Thursday, September 25, 2014
Finally, I spontaneously grabbed these creamy white curtains, late one night at Ross. They aren't what I had pictured, but I just can't get over how much more light they let in and how beautifully they brighten up this room. I definitely go in spurts of feeling inspired to decorate our home to be the beautiful space that I want it to be. Most of the time it's so overwhelming in this season of life, but I have to remember that I don't need to tackle it all.
Little things like a new slider curtain make a huge difference. An ounce of inspiration is enough to propel me to want to continue to make our home the peaceful space that I crave.
Lately I'm learning to let go of my desire for perfection. I'd rather have the people that come into our home be comfortable and I'd rather make a beautiful mess with my kids, than be terrified of messes. The other day we made homemade butter and while we shook jars of cream for 20 minutes all over the house, we danced...and we danced crazy. I was terrified that one of those jars would break, but we did it anyway. It was the most fun thing we did that day. Honestly, I can't remember the last time Judah and I danced together like that.

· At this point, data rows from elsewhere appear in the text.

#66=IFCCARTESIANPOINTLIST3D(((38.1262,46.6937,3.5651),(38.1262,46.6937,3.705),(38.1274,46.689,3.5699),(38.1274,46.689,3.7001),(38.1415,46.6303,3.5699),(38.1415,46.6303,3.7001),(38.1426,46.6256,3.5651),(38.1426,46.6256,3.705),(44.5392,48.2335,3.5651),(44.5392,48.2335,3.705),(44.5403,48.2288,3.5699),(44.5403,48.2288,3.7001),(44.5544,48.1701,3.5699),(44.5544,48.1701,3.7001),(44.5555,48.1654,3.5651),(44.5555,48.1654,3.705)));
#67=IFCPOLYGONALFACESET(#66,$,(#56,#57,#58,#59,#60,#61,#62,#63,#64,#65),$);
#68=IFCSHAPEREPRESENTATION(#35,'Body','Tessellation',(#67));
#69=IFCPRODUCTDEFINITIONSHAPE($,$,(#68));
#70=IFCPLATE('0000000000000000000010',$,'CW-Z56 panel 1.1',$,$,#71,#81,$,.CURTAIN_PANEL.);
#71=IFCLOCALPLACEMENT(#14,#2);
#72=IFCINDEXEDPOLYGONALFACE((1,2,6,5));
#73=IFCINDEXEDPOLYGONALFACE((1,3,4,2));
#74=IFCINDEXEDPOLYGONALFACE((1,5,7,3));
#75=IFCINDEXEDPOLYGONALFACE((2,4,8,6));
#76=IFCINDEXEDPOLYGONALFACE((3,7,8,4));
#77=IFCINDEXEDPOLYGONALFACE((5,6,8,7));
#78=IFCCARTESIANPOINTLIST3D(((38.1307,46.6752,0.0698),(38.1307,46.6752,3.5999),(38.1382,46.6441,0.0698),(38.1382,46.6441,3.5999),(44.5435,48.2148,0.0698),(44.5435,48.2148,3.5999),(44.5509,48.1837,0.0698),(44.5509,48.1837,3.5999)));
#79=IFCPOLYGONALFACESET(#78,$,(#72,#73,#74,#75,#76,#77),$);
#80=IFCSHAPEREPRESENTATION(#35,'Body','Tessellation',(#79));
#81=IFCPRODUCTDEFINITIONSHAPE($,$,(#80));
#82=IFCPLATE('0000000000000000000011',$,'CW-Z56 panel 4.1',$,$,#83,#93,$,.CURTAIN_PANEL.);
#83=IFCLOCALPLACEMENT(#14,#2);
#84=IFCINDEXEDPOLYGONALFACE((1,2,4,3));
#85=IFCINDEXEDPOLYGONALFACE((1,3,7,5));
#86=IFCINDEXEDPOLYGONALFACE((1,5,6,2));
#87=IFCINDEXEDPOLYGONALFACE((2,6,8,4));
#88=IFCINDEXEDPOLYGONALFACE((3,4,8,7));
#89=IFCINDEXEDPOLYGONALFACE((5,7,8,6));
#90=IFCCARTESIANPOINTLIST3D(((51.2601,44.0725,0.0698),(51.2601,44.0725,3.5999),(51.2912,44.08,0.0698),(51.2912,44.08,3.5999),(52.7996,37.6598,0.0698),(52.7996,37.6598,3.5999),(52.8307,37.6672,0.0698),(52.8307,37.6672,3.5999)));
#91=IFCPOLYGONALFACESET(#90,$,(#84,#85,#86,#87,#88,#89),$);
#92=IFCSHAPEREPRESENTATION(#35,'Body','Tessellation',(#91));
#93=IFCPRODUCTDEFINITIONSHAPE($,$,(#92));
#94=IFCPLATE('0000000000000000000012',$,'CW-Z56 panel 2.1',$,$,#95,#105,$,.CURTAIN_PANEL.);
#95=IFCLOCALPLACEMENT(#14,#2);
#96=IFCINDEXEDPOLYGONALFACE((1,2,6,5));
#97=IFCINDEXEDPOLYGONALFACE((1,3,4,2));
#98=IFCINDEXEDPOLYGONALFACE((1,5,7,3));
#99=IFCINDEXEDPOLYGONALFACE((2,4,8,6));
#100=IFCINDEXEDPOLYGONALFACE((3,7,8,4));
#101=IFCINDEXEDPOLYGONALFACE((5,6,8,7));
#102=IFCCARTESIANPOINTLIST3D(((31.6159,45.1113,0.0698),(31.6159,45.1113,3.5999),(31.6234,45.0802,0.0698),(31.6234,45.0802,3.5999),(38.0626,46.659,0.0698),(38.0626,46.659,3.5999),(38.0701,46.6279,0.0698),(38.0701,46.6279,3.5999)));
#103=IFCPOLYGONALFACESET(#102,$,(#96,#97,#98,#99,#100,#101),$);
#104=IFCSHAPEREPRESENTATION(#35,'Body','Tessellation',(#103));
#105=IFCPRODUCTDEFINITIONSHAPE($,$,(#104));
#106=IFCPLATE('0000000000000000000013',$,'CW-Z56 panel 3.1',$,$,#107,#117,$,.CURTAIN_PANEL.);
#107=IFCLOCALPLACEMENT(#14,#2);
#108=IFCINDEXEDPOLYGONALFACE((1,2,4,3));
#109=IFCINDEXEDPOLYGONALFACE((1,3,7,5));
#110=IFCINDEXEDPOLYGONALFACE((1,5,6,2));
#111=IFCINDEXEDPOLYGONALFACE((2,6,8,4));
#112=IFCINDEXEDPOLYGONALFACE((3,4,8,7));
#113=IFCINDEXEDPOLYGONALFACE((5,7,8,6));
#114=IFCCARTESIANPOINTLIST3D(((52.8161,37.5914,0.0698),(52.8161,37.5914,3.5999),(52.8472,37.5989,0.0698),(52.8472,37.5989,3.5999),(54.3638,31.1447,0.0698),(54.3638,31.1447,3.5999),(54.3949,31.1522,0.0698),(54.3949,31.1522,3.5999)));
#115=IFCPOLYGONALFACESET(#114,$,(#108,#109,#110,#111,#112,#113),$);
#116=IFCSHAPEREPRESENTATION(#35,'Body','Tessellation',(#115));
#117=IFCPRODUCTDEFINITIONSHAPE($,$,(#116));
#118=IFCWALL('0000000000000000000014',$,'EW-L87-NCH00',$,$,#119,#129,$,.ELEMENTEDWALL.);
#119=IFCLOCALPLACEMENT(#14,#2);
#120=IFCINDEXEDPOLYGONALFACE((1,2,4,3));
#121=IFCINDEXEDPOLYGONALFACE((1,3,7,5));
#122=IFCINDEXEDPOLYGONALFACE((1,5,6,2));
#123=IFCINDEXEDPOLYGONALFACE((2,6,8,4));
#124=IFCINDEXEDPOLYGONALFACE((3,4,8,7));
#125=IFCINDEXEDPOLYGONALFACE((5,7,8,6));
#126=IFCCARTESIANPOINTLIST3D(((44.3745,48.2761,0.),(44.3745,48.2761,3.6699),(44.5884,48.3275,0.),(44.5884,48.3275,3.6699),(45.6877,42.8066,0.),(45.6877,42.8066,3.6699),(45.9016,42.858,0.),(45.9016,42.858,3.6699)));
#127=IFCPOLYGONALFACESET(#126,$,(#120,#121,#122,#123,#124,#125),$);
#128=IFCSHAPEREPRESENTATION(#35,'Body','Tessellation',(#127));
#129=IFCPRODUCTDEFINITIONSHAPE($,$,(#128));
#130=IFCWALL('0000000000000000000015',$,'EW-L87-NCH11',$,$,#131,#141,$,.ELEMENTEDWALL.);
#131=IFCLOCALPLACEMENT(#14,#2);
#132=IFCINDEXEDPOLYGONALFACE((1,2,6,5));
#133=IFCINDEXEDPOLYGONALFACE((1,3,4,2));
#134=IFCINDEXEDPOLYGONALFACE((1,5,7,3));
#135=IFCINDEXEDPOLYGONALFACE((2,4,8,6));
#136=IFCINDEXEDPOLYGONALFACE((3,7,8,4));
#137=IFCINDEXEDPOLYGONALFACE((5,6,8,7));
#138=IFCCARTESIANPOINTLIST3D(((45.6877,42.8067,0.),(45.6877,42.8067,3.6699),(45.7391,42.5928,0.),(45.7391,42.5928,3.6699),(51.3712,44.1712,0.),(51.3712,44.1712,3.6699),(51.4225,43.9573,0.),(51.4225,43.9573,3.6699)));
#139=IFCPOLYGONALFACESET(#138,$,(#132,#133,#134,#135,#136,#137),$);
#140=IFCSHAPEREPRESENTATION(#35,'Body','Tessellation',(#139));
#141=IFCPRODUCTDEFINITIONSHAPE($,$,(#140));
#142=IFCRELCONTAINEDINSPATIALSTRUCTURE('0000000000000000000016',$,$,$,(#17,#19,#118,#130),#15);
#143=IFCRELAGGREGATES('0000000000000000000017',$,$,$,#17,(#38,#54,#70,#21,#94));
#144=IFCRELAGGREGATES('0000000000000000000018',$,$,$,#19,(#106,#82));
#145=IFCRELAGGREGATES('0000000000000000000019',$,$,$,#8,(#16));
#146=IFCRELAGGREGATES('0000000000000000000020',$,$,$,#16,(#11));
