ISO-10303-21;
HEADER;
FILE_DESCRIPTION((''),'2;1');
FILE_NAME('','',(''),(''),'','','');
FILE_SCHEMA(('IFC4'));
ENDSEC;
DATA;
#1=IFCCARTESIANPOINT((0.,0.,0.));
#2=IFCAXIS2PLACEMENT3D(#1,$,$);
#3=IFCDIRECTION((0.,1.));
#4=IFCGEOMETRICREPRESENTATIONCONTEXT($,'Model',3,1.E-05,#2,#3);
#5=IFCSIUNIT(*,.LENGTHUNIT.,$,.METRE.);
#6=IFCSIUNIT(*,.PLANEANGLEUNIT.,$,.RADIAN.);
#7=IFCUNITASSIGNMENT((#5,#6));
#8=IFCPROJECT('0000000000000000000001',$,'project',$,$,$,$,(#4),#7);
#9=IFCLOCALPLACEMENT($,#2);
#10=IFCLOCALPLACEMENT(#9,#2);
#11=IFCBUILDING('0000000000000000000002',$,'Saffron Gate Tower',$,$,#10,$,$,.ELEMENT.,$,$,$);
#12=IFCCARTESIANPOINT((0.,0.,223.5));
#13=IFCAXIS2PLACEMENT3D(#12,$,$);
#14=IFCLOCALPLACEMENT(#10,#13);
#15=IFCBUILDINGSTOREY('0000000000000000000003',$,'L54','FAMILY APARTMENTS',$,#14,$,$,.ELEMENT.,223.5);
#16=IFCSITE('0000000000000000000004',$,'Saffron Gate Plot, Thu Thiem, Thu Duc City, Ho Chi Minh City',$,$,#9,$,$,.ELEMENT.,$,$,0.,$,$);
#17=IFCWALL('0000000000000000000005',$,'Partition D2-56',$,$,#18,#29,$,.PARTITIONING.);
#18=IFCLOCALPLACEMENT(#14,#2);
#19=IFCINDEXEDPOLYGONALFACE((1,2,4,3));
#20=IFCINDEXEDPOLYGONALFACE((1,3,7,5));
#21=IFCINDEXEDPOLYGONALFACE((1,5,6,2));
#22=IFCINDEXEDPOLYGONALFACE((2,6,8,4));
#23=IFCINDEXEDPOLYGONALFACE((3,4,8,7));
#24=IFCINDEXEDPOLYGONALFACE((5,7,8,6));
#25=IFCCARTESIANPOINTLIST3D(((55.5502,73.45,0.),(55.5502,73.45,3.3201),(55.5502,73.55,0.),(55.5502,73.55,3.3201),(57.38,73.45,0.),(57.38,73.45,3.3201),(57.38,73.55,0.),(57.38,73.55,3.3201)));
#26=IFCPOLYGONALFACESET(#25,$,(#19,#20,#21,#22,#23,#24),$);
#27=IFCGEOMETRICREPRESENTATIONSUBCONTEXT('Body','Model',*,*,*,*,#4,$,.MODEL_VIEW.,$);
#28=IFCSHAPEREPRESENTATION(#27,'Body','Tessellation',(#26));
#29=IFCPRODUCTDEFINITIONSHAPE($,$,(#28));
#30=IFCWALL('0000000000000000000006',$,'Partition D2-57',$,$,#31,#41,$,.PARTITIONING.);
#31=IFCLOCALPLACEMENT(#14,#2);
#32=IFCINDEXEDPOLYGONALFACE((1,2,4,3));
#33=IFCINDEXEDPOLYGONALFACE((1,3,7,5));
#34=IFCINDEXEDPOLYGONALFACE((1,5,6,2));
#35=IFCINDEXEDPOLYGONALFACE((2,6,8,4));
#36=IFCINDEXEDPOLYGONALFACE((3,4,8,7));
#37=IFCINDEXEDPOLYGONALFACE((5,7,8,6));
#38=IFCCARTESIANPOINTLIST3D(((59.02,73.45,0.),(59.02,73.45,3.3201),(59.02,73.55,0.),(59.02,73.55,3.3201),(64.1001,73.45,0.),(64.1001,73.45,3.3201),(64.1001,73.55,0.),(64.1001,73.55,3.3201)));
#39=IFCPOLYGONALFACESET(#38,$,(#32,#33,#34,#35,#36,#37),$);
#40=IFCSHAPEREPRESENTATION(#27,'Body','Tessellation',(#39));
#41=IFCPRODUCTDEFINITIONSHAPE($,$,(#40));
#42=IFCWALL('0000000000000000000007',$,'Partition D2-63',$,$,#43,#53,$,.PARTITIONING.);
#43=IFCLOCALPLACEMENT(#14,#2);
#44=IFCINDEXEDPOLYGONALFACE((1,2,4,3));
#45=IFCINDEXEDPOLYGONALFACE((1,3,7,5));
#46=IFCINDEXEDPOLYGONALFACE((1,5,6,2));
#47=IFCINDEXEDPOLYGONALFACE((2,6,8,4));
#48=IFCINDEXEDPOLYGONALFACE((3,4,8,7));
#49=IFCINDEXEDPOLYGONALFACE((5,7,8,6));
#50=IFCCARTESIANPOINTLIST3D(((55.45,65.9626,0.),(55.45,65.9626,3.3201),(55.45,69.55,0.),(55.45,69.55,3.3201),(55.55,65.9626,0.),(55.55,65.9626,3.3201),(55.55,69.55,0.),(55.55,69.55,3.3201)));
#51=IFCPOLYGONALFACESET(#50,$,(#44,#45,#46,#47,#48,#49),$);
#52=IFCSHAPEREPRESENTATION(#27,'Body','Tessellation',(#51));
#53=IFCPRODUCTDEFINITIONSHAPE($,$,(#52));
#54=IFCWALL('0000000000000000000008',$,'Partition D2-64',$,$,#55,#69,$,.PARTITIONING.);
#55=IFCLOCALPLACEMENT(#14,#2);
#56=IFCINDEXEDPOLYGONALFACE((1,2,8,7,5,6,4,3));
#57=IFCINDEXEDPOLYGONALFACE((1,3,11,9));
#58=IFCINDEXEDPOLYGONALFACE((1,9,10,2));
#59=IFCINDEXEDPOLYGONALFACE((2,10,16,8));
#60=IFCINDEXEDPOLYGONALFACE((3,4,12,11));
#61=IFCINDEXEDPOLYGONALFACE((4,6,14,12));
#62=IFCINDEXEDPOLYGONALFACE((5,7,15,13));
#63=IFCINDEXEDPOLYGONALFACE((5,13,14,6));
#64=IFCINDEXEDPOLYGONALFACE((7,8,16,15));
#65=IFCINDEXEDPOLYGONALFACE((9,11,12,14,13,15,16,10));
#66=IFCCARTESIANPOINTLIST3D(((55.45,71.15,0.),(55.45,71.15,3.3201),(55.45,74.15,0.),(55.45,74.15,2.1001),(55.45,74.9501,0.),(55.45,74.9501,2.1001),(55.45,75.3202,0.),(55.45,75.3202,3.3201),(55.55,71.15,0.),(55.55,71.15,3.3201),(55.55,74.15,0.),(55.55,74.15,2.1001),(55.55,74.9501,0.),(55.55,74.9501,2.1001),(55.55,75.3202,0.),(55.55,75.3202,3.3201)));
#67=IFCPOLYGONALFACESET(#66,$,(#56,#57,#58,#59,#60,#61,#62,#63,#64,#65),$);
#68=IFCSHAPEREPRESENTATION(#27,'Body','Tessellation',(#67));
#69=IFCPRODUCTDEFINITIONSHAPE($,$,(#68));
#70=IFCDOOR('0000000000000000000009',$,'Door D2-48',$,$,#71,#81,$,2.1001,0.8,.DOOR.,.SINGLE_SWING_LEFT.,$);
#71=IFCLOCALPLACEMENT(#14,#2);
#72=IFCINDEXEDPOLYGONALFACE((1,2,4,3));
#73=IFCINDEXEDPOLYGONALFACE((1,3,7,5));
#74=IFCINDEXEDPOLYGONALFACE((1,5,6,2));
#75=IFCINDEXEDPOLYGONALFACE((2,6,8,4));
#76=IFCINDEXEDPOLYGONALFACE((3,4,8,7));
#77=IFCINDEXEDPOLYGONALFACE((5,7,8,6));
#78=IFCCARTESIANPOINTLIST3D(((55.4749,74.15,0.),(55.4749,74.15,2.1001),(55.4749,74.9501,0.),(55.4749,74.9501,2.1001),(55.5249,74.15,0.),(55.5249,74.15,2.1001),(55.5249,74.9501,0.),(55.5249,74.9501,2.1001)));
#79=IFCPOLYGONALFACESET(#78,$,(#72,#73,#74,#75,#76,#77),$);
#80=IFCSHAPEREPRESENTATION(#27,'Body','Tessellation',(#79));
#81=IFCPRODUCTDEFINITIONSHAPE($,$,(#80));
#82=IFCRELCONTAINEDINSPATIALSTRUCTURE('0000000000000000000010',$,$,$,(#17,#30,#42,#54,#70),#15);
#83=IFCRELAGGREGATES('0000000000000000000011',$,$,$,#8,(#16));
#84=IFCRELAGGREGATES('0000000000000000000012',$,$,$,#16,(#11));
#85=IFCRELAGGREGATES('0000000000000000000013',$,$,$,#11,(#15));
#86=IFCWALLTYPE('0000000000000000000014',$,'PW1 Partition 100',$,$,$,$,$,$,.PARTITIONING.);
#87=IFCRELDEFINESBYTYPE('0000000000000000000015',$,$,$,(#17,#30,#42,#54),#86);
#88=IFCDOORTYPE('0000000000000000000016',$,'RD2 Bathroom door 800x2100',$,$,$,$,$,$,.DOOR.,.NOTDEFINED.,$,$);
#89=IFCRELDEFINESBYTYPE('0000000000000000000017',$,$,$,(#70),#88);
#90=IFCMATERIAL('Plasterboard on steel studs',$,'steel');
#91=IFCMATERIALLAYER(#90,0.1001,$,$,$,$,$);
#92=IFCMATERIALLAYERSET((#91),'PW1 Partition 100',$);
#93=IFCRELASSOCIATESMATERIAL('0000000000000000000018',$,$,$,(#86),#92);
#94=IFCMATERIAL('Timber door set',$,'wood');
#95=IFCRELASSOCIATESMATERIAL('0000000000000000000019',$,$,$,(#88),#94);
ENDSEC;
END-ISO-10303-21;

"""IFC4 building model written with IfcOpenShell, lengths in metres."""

from ifc_helpers import new_model, si_unit, direction, frame, frame_2d, origin, place, context, subcontext, project, spatial, rectangle, extrude, material, layer, layer_set, type_object, element, fill, save


model = new_model("IFC4")

# Units and contexts
model_context = context("Model", 3, precision=1e-05, world=origin(), true_north=direction((0.0, 1.0)))
body_context = subcontext(model_context, "Body", "Model", "MODEL_VIEW")
ifc_project = project(units=[si_unit("LENGTHUNIT", "METRE"), si_unit("PLANEANGLEUNIT", "RADIAN")], contexts=[model_context])

# Site, building, storey
site_placement = place(None, origin())
site = spatial("IfcSite", under=ifc_project, at=site_placement, Name="Saffron Gate Plot, Thu Thiem, Thu Duc City, Ho Chi Minh City", CompositionType="ELEMENT", RefElevation=0.0)
building_placement = place(site_placement, origin())
building = spatial("IfcBuilding", under=site, at=building_placement, Name="Saffron Gate Tower", CompositionType="ELEMENT")
storey_placement = place(building_placement, frame((0.0, 0.0, 223.5)))
storey = spatial("IfcBuildingStorey", under=building, at=storey_placement, Name="L54", Description="FAMILY APARTMENTS", CompositionType="ELEMENT", Elevation=223.5)

# Shared definitions
ifc_material_1 = material(Name="Plasterboard on steel studs", Category="steel")
ifc_layer_1 = layer(ifc_material_1, 0.1001)
ifc_layer_set_1 = layer_set([ifc_layer_1], Name="PW1 Partition 100")
wall_type_1 = type_object("IfcWallType", Name="PW1 Partition 100", PredefinedType="PARTITIONING", material=ifc_layer_set_1)

# Shared definitions
ifc_material_2 = material(Name="Timber door set", Category="wood")
door_type_1 = type_object("IfcDoorType", Name="RD2 Bathroom door 800x2100", OperationType="NOTDEFINED", PredefinedType="DOOR", material=ifc_material_2)

# Walls
wall_1_placement = place(storey_placement, frame((55.55, 73.5, 0.0), z_axis=(0.0, 0.0, 1.0), x_axis=(1.0, 0.0, 0.0)))
element("IfcWall", 1, at=wall_1_placement, inside=storey, type_object=wall_type_1, Name="Partition D2-56", PredefinedType="PARTITIONING", context=body_context, shape_type="SweptSolid", body=[
    extrude(rectangle(XDim=1.8298, YDim=0.1001, at=frame_2d((0.915, 0.0))), origin(), (0.0, 0.0, 1.0), 3.3201),
])
wall_2_placement = place(storey_placement, frame((59.02, 73.5, 0.0), z_axis=(0.0, 0.0, 1.0), x_axis=(1.0, 0.0, 0.0)))
element("IfcWall", 2, at=wall_2_placement, inside=storey, type_object=wall_type_1, Name="Partition D2-57", PredefinedType="PARTITIONING", context=body_context, shape_type="SweptSolid", body=[
    extrude(rectangle(XDim=5.0801, YDim=0.1001, at=frame_2d((2.54, 0.0))), origin(), (0.0, 0.0, 1.0), 3.3201),
])
wall_3_placement = place(storey_placement, frame((55.5, 69.55, 0.0), z_axis=(0.0, 0.0, 1.0), x_axis=(0.0, -1.0, 0.0)))
element("IfcWall", 3, at=wall_3_placement, inside=storey, type_object=wall_type_1, Name="Partition D2-63", PredefinedType="PARTITIONING", context=body_context, shape_type="SweptSolid", body=[
    extrude(rectangle(XDim=3.5874, YDim=0.1001, at=frame_2d((1.7937, 0.0))), origin(), (0.0, 0.0, 1.0), 3.3201),
])

# Wall, opening, door
wall_4_placement = place(storey_placement, frame((55.5, 75.3201, 0.0), z_axis=(0.0, 0.0, 1.0), x_axis=(0.0, -1.0, 0.0)))
wall_4 = element("IfcWall", 4, at=wall_4_placement, inside=storey, type_object=wall_type_1, Name="Partition D2-64", PredefinedType="PARTITIONING", context=body_context, shape_type="SweptSolid", body=[
    extrude(rectangle(XDim=4.1702, YDim=0.1001, at=frame_2d((2.085, 0.0))), origin(), (0.0, 0.0, 1.0), 3.3201),
])
opening_1_placement = place(wall_4_placement, frame((0.3701, 0.0, 0.0)))
opening_1 = element("IfcOpeningElement", 5, at=opening_1_placement, cuts=wall_4, PredefinedType="OPENING", context=body_context, shape_type="SweptSolid", body=[
    extrude(rectangle(XDim=0.8, YDim=2.1001, at=frame_2d((0.3999, 1.05))), frame((0.0, 0.0601, 0.0), z_axis=(0.0, -1.0, 0.0), x_axis=(1.0, 0.0, 0.0)), (0.0, 0.0, 1.0), 0.1201),
])
door_1_placement = place(opening_1_placement, origin())
door_1 = element("IfcDoor", 6, at=door_1_placement, inside=storey, type_object=door_type_1, Name="Door D2-48", OperationType="SINGLE_SWING_LEFT", OverallHeight=2.1001, OverallWidth=0.8, PredefinedType="DOOR", context=body_context, shape_type="SweptSolid", body=[
    extrude(rectangle(XDim=0.8, YDim=2.1001, at=frame_2d((0.3999, 1.05))), frame((0.0, 0.0249, 0.0), z_axis=(0.0, -1.0, 0.0), x_axis=(1.0, 0.0, 0.0)), (0.0, 0.0, 1.0), 0.05),
])
fill(opening_1, door_1)

save(model, "model.ifc")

Today started with spilled cereal in Judah's lap and it ended with Paisley spilling her milk. It's in those moments that I have to remember that God gives grace freely to me and if I'm truly accepting His grace and taking it as my own, then I should freely pour out that grace on others- especially the little people who share this home with us.
So, tonight I'm thankful for little things like morning light that shines through the new curtain. I'm thankful that I don't need to go all out and re-decorate our entire house this very moment, but that it's okay to find joy in small things like pretty light.
The photo above isn't perfect and I almost didn't post because of that, but I'm sharing anyway. I am a work in progress. My photos are a work in progress and so is my house.